On Monday, the Center for Global Engagement (CGE) announced to sophomores that it was creating a waitlist for off-campus study (OCS) for the upcoming fall semester, due to an uneven ratio of students who applied for studying abroad in the fall semester and the spring semester. Twenty-five students are currently on the waitlist, meaning they may not be able to study off campus for the fall semester.
According to Associate Director of Off-Campus Study Kerry Strader, the path for applying for OCS is typically straightforward. Students apply during their sophomore year to go abroad during their junior year, and prepare by attending various informational sessions in the fall of their sophomore year. Following those sessions, students interested in OCS have one-on-one meetings with CGE staff, attend a brief interview and complete their study abroad application.
Strader and Director of the Center for Global Engagement and Affiliated Scholar in Anthropology Marne Ausec emphasized that every year in informational sessions, CGE staff have strongly recommended that students apply for the fall semester, as most sophomores prefer going abroad in the spring semester. Ausec added that last academic year, so many students applied for the spring semester that CGE formed a waitlist as well.
According to Ausec, 270 students applied for OCS for the upcoming 2024-25 academic year. 143 of those students applied to study abroad for the fall semester, while 86 applied for the spring semester. The remaining 41 students will be studying abroad for the full academic year, at programs such as Kenyon-Exeter. The disparity of 57 students between semesters, according to Ausec and Strader, presents various issues for the College.

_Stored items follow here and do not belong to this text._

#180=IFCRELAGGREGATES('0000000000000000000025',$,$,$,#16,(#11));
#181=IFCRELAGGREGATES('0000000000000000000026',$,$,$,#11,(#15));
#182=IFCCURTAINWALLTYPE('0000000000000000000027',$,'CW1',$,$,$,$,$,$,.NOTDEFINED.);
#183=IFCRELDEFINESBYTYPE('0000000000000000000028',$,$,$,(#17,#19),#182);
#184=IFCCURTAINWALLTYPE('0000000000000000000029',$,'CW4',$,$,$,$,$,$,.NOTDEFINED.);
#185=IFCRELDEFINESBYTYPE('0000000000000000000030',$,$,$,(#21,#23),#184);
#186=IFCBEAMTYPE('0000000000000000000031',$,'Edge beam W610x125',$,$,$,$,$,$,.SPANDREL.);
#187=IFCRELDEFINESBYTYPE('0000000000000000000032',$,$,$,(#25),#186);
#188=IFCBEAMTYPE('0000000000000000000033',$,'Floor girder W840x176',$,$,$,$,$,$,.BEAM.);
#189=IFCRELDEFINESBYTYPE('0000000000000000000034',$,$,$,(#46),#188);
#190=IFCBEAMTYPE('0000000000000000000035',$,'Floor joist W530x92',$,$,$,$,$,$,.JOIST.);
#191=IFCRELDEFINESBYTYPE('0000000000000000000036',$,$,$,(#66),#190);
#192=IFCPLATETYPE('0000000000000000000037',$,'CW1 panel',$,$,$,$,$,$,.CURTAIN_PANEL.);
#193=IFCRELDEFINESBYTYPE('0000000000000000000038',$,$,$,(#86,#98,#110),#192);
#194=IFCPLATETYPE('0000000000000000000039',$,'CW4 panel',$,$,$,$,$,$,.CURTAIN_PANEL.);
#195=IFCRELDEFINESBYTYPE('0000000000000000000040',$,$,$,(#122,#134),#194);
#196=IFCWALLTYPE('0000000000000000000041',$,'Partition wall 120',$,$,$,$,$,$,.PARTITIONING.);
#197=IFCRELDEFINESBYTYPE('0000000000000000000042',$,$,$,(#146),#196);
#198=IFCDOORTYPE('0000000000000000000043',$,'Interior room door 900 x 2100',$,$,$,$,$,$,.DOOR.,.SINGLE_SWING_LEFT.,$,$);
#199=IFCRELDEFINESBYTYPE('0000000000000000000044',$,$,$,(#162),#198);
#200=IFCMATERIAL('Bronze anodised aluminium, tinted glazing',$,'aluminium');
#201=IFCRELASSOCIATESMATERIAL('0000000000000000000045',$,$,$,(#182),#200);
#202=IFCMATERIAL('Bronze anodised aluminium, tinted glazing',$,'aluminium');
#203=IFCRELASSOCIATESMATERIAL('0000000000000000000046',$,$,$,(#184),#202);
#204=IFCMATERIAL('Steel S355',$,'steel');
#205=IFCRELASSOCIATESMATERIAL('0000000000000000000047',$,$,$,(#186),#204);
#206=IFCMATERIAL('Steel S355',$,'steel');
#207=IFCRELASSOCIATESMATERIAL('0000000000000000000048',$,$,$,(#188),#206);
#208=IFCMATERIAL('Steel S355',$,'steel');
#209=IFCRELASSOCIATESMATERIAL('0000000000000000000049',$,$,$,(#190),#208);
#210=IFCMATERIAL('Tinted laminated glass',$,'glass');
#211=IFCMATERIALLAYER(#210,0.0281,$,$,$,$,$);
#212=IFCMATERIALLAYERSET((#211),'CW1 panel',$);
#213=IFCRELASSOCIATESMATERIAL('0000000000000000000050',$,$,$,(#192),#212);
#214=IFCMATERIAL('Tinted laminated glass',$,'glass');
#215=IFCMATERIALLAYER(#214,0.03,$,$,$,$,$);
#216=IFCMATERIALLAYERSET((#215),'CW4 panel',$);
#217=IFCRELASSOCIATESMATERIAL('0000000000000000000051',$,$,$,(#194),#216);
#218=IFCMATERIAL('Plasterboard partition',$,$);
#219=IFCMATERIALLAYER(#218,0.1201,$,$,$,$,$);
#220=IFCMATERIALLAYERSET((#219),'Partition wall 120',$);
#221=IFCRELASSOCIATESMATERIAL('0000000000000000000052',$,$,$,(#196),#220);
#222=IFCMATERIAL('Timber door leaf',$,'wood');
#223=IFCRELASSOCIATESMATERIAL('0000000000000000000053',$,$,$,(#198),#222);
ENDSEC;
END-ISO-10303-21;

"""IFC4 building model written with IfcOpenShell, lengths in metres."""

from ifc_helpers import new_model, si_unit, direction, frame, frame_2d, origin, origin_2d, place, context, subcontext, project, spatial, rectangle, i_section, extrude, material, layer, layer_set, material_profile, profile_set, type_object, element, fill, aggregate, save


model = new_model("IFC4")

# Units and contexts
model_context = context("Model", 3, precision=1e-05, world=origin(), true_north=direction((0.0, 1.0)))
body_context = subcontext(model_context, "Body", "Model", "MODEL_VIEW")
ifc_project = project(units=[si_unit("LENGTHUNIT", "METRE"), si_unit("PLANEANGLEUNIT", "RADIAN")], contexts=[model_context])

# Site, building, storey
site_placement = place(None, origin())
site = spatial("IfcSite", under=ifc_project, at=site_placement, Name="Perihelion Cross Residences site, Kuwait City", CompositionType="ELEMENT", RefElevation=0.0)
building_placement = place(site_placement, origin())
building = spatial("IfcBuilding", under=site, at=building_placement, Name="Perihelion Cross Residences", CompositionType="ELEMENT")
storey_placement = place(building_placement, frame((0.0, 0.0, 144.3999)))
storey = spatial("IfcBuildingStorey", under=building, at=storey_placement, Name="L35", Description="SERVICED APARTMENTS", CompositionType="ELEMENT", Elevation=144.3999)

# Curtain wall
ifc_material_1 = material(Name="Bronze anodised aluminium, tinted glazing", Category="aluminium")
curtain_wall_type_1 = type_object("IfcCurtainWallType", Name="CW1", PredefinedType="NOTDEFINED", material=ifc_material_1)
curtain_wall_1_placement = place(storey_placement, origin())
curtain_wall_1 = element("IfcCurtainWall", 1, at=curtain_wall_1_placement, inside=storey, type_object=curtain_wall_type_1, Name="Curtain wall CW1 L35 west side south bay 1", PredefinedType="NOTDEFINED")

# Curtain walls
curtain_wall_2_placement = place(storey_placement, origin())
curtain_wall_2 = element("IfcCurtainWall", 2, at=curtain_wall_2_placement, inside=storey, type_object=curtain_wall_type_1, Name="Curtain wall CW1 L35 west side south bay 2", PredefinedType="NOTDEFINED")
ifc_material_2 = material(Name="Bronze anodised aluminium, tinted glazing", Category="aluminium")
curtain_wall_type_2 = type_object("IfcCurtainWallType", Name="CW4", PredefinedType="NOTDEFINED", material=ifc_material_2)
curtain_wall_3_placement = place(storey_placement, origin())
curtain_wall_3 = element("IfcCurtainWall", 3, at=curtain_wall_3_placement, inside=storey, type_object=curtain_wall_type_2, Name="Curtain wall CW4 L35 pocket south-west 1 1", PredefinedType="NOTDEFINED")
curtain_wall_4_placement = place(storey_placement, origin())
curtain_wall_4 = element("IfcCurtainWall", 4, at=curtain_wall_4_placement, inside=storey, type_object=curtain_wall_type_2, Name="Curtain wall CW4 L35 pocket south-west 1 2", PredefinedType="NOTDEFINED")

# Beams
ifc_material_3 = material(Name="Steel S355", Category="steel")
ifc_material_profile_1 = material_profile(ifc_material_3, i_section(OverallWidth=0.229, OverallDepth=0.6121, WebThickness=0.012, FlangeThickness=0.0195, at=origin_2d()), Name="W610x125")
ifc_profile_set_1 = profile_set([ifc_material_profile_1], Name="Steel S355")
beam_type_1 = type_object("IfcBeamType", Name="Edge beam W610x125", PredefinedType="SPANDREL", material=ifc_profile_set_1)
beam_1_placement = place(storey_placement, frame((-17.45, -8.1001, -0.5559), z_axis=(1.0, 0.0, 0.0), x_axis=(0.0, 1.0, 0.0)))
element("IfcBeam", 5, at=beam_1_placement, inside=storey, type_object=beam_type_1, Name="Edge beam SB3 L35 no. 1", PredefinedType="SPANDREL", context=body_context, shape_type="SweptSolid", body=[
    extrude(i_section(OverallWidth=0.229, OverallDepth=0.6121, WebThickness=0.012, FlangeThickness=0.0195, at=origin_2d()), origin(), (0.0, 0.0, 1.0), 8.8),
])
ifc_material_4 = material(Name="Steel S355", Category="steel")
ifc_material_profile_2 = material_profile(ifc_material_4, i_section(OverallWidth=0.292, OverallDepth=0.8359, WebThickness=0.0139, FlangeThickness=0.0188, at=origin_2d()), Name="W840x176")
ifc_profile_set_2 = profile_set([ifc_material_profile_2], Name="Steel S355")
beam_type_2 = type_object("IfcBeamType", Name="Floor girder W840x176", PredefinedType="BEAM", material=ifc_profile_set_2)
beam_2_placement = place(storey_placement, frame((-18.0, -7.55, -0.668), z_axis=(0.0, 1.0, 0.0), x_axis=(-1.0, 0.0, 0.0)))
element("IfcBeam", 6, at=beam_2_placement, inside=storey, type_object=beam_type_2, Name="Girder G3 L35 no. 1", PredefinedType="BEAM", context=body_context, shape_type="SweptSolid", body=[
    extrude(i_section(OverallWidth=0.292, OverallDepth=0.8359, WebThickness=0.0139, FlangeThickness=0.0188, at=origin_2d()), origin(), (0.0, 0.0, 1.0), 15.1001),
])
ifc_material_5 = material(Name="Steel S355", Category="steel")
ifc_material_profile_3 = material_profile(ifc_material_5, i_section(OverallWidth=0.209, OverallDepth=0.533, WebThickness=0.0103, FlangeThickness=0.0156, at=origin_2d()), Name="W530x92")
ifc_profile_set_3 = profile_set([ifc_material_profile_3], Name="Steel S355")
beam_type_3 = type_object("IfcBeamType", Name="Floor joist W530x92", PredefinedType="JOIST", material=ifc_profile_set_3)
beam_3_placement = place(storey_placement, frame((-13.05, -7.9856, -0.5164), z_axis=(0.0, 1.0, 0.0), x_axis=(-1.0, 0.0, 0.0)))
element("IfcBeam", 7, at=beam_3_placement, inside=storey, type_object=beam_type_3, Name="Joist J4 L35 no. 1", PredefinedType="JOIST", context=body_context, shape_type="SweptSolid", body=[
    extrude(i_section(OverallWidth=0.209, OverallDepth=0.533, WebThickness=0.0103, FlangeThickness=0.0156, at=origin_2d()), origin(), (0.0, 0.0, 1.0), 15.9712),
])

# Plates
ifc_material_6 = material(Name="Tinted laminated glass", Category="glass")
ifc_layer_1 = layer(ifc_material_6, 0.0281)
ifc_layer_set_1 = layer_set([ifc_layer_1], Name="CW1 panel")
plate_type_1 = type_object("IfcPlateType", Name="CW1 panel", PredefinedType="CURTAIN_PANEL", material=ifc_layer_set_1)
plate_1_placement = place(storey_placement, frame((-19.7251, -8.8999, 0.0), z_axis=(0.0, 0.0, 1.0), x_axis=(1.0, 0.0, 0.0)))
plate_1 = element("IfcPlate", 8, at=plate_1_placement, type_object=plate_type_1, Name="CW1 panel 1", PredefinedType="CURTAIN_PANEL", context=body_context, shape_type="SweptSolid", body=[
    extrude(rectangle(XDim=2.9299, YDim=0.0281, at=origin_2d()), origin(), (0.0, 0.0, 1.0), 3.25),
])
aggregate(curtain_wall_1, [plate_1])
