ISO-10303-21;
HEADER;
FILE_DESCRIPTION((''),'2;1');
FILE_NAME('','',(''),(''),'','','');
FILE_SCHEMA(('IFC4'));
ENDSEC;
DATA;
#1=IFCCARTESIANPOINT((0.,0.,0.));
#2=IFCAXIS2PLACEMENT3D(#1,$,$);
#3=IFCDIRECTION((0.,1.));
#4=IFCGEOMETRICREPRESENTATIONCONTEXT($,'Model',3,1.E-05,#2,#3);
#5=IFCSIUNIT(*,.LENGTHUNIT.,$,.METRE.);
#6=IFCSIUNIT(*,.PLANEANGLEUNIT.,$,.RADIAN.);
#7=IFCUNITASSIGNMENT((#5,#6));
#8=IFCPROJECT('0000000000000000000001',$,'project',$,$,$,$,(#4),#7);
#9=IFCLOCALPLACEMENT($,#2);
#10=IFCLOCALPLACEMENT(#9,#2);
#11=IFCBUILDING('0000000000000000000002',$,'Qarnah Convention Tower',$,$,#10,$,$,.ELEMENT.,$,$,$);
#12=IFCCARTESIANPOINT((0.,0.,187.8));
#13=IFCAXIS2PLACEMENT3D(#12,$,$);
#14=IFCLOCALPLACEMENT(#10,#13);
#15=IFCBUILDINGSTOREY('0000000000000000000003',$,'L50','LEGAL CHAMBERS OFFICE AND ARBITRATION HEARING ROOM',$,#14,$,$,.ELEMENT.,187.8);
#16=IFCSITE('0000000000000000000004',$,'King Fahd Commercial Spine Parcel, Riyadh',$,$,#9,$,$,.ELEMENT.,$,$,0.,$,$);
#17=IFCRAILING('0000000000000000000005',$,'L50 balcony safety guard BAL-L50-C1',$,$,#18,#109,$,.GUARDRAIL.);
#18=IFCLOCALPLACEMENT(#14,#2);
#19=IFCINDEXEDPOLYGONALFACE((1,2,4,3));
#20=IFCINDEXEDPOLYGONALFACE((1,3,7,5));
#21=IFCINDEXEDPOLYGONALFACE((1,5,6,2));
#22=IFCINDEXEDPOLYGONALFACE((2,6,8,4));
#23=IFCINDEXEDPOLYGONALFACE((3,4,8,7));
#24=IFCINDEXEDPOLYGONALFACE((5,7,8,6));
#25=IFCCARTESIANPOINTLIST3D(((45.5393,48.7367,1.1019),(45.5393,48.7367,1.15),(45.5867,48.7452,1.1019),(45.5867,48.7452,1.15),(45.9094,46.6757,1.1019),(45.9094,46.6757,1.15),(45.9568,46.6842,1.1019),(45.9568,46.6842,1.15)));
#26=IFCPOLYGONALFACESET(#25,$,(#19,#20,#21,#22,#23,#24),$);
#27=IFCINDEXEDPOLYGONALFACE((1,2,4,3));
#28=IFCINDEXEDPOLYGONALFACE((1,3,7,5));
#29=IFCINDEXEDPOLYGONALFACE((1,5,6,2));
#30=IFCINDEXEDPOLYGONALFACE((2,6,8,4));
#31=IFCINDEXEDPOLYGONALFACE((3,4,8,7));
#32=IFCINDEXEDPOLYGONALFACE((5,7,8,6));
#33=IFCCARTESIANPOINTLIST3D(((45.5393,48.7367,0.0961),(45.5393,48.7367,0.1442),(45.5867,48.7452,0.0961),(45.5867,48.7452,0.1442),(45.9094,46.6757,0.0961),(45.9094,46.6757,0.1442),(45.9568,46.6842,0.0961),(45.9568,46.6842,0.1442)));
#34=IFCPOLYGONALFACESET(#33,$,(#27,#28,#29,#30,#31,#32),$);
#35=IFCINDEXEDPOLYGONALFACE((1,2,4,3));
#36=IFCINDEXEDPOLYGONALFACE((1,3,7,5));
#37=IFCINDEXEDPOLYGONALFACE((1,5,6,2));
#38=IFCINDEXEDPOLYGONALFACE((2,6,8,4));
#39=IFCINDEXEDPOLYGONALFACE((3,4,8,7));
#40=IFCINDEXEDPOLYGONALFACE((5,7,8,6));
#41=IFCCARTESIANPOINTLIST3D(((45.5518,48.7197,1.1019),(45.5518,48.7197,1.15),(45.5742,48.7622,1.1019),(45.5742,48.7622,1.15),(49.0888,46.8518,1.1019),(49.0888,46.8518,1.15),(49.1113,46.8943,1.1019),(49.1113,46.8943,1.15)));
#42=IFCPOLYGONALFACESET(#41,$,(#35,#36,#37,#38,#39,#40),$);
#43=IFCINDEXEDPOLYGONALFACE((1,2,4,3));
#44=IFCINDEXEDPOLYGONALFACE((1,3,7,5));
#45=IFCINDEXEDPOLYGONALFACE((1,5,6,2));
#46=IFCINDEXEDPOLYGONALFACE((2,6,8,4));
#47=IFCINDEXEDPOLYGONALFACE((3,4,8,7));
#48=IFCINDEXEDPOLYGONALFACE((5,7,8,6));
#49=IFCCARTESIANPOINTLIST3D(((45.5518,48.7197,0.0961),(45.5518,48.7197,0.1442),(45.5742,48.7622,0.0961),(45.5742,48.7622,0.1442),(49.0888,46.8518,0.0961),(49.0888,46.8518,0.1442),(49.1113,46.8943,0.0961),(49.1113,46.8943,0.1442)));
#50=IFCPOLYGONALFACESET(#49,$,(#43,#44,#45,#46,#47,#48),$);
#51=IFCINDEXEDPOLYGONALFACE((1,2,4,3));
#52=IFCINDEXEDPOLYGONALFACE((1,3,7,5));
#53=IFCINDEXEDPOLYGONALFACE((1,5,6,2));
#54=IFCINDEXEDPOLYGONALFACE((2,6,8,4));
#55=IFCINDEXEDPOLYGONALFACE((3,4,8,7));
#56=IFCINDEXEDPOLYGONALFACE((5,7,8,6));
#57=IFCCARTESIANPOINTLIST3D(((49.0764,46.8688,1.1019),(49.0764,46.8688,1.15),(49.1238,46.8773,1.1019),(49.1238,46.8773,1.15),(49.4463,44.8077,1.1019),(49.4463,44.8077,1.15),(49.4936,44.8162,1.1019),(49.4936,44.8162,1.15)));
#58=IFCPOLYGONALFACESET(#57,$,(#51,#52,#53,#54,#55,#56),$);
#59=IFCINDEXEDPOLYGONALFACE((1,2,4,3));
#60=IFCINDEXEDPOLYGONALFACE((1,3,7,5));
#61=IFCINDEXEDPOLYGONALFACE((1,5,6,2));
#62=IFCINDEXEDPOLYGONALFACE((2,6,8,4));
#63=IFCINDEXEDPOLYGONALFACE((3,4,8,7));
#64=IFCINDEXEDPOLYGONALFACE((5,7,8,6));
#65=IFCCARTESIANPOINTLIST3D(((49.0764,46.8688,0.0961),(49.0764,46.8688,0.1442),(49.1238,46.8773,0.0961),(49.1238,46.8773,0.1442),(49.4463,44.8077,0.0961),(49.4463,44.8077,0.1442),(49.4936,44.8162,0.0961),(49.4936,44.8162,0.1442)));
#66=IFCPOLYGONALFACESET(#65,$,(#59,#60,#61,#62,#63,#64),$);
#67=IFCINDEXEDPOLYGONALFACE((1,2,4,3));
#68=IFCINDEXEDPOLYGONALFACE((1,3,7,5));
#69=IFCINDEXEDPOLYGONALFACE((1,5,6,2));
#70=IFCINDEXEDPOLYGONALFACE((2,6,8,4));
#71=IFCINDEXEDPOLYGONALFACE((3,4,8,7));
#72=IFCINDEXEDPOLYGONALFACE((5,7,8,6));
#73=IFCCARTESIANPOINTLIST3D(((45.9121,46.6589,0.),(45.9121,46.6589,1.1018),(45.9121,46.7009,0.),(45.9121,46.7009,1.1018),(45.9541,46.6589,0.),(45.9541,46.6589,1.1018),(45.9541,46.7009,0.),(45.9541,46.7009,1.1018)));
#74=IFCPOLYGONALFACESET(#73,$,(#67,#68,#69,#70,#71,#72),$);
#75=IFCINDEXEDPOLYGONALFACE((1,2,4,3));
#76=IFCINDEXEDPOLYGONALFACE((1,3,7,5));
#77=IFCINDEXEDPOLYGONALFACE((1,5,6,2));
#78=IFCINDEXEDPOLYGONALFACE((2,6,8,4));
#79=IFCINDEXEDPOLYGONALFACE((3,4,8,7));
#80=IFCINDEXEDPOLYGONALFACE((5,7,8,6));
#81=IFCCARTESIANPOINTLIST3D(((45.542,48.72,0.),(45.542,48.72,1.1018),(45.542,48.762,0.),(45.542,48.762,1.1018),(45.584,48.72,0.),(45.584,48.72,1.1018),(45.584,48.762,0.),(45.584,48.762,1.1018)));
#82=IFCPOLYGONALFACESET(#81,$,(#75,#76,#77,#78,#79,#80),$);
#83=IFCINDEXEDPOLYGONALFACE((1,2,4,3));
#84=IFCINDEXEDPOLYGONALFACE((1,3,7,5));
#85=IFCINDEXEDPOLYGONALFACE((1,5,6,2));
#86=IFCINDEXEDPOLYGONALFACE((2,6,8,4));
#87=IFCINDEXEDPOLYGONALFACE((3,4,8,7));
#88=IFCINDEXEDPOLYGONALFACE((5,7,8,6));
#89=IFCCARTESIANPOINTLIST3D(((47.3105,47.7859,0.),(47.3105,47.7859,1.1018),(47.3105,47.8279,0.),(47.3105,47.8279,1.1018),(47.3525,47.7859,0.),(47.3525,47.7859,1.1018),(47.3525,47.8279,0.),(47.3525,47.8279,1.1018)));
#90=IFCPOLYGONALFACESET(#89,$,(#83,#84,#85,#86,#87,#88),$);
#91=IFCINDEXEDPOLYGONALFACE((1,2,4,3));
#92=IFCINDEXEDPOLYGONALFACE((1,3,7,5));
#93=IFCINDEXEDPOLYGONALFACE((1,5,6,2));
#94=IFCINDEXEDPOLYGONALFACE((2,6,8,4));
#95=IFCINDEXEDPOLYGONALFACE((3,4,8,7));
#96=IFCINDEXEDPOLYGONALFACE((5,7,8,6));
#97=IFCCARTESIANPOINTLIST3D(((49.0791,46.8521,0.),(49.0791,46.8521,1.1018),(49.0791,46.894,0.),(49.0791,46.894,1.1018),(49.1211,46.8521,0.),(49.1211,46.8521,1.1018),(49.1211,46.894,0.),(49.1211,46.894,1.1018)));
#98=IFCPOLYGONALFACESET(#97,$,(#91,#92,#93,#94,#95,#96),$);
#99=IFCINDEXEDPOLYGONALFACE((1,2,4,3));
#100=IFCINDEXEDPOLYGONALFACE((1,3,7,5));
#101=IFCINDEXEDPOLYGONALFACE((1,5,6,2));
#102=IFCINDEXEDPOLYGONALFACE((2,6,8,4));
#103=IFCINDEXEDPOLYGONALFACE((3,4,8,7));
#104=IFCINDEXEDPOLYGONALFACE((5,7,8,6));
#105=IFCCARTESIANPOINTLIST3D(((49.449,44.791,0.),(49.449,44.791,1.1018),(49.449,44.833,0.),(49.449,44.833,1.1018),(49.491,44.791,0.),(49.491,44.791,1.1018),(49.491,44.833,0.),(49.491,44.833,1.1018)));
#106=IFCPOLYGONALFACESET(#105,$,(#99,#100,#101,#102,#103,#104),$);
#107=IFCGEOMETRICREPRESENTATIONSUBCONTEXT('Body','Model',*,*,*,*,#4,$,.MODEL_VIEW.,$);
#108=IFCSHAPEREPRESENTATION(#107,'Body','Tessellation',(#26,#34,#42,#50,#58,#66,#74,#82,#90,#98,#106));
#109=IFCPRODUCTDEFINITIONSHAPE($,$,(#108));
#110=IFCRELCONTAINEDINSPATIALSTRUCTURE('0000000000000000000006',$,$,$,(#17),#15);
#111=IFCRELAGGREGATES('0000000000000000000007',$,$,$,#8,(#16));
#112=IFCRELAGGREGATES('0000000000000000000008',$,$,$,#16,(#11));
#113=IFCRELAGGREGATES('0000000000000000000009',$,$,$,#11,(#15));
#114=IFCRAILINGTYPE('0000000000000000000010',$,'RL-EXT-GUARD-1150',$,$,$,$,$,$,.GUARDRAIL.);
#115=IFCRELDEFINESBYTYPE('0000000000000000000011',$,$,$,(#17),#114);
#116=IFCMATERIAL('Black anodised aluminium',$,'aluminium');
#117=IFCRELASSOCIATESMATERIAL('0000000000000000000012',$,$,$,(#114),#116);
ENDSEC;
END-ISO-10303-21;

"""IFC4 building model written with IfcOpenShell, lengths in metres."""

from ifc_helpers import new_model, si_unit, direction, frame, origin, origin_2d, place, context, subcontext, project, spatial, rectangle, extrude, material, type_object, element, save


model = new_model("IFC4")

# Units and contexts
model_context = context("Model", 3, precision=1e-05, world=origin(), true_north=direction((0.0, 1.0)))
body_context = subcontext(model_context, "Body", "Model", "MODEL_VIEW")
ifc_project = project(units=[si_unit("LENGTHUNIT", "METRE"), si_unit("PLANEANGLEUNIT", "RADIAN")], contexts=[model_context])

# Site, building, storey
site_placement = place(None, origin())
site = spatial("IfcSite", under=ifc_project, at=site_placement, Name="King Fahd Commercial Spine Parcel, Riyadh", CompositionType="ELEMENT", RefElevation=0.0)
building_placement = place(site_placement, origin())
building = spatial("IfcBuilding", under=site, at=building_placement, Name="Qarnah Convention Tower", CompositionType="ELEMENT")
storey_placement = place(building_placement, frame((0.0, 0.0, 187.8)))
storey = spatial("IfcBuildingStorey", under=building, at=storey_placement, Name="L50", Description="LEGAL CHAMBERS OFFICE AND ARBITRATION HEARING ROOM", CompositionType="ELEMENT", Elevation=187.8)

# Shared definitions
ifc_material_1 = material(Name="Black anodised aluminium", Category="aluminium")

# Railing
railing_type = type_object("IfcRailingType", Name="RL-EXT-GUARD-1150", PredefinedType="GUARDRAIL", material=ifc_material_1)
railing_1_placement = place(storey_placement, frame((45.9331, 46.6799, 0.0)))
element("IfcRailing", 1, at=railing_1_placement, inside=storey, type_object=railing_type, Name="L50 balcony safety guard BAL-L50-C1", PredefinedType="GUARDRAIL", context=body_context, shape_type="SweptSolid", body=[
    extrude(rectangle(XDim=0.0481, YDim=0.0481, at=origin_2d()), frame((0.0, 0.0, 1.126), z_axis=(-0.176751, 0.984256, 0.0), x_axis=(-0.984256, -0.176751, 0.0)), (0.0, 0.0, 1.0), 2.094),
    extrude(rectangle(XDim=0.0481, YDim=0.0481, at=origin_2d()), frame((0.0, 0.0, 0.1201), z_axis=(-0.176751, 0.984256, 0.0), x_axis=(-0.984256, -0.176751, 0.0)), (0.0, 0.0, 1.0), 2.094),
    extrude(rectangle(XDim=0.0481, YDim=0.0481, at=origin_2d()), frame((-0.3701, 2.061, 1.126), z_axis=(0.88427, -0.466976, 0.0), x_axis=(0.466976, 0.88427, 0.0)), (0.0, 0.0, 1.0), 4.0),
    extrude(rectangle(XDim=0.0481, YDim=0.0481, at=origin_2d()), frame((-0.3701, 2.061, 0.1201), z_axis=(0.88427, -0.466976, 0.0), x_axis=(0.466976, 0.88427, 0.0)), (0.0, 0.0, 1.0), 4.0),
    extrude(rectangle(XDim=0.0481, YDim=0.0481, at=origin_2d()), frame((3.167, 0.1931, 1.126), z_axis=(0.176638, -0.984276, 0.0), x_axis=(0.984276, 0.176638, 0.0)), (0.0, 0.0, 1.0), 2.094),
    extrude(rectangle(XDim=0.0481, YDim=0.0481, at=origin_2d()), frame((3.167, 0.1931, 0.1201), z_axis=(0.176638, -0.984276, 0.0), x_axis=(0.984276, 0.176638, 0.0)), (0.0, 0.0, 1.0), 2.094),
    extrude(rectangle(XDim=0.042, YDim=0.042, at=origin_2d()), origin(), (0.0, 0.0, 1.0), 1.1018),
    extrude(rectangle(XDim=0.042, YDim=0.042, at=origin_2d()), frame((-0.3701, 2.061, 0.0)), (0.0, 0.0, 1.0), 1.1018),
    extrude(rectangle(XDim=0.042, YDim=0.042, at=origin_2d()), frame((1.3984, 1.127, 0.0)), (0.0, 0.0, 1.0), 1.1018),
    extrude(rectangle(XDim=0.042, YDim=0.042, at=origin_2d()), frame((3.167, 0.1931, 0.0)), (0.0, 0.0, 1.0), 1.1018),
    extrude(rectangle(XDim=0.042, YDim=0.042, at=origin_2d()), frame((3.5369, -1.8679, 0.0)), (0.0, 0.0, 1.0), 1.1018),
])

save(model, "model.ifc")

The need for a balance between students studying abroad in the fall and spring semesters is dependent on a variety of factors, Ausec explained. The College takes into consideration the number of available beds in residence halls, desirable classes that are only available in certain semesters, stress on Peirce Dining Hall and other factors. “We know that it’s never going to be balanced,” Ausec said in an interview with the Collegian. “But we need to get it as balanced as we possibly can.”
Though CGE has employed waitlists in previous years for OCS, using a waitlist for the fall semester presents additional challenges due to the immediacy of deadlines, the first of which are approaching this Friday.
For sophomores hoping to study abroad, several are concerned about their ability to go abroad in their preferred semester. Jen Novick ’26, who hoped to study abroad in Tuscany in the fall semester, expressed her disappointment in how CGE has managed the situation.
“Basically everybody I talked to was thinking that they were going to go in the fall,” Novick said in an interview with the Collegian, and added that she shared this experience with CGE staff, who reassured her that it likely wouldn’t present a problem. “I was reassured that because the deadlines are sooner for the fall, that many people will end up switching to the spring because they don’t get their application in on time,” she said.
On Feb. 19, Novick and other sophomores received a form from CGE that asked students to state whether they would choose to switch to the spring semester, consider switching or if they had a pertinent reason to go abroad in the fall. Novick, who said she would consider switching if she had no other option, received an email a couple days later informing her and approximately 30 other students that CGE would be forced to form a waitlist if nobody moved to the spring semester.
“My plan is to hold out hope, but if they waitlist me, I obviously want to go [to Tuscany] badly enough that I’ll have to switch,” Novick, who has since been placed on the waitlist, said.
Novick expressed that she and several of her peers are upset by the process, which both Strader and Ausec empathized with. “I know people are frustrated, because they’re like, ‘you encouraged us to go fall,’” Ausec said. “I’ve always encouraged people to go fall. They never listened. So we were not expecting this — we were expecting the usual.”
Ausec added that every sophomore student hoping to study off campus in their junior year will be able to do so, but it may not be the semester they prefer. “Let’s say you’re the last one on a waitlist,” Ausec explained. “You can choose to go spring — no harm, no foul. That’s fine.” However, if that student chooses to remain on the waitlist indefinitely, Ausec warned that CGE will not be able to guarantee that the student will be able to go abroad at all.
Though it may seem like an easy decision to switch to a different semester, Novick emphasized that students’ decisions on when to study abroad are influenced by a variety of factors. Students might choose to study abroad at the same time as their friends, or based on classes they hope to take that are only available in a certain semester. For Novick, the decision to choose the fall semester was influenced by both her partner and friends, who are planning on studying abroad as well. “It’s not really that individual of a decision,” Novick said. “It really is going to affect your time here.”
Both Strader and Ausec stressed that the influx of students choosing to go abroad in their fall semester was atypical. “We really appreciate that everyone heard the messaging,” Strader said. “That’s honestly something that was really nice. But it did come up with an unexpected challenge.”
“Truly, we did not expect this,” Ausec said. “I’ve heard some folks say ‘well, you should have been prepared.’ We know now. Next year, we’ll refine the process.”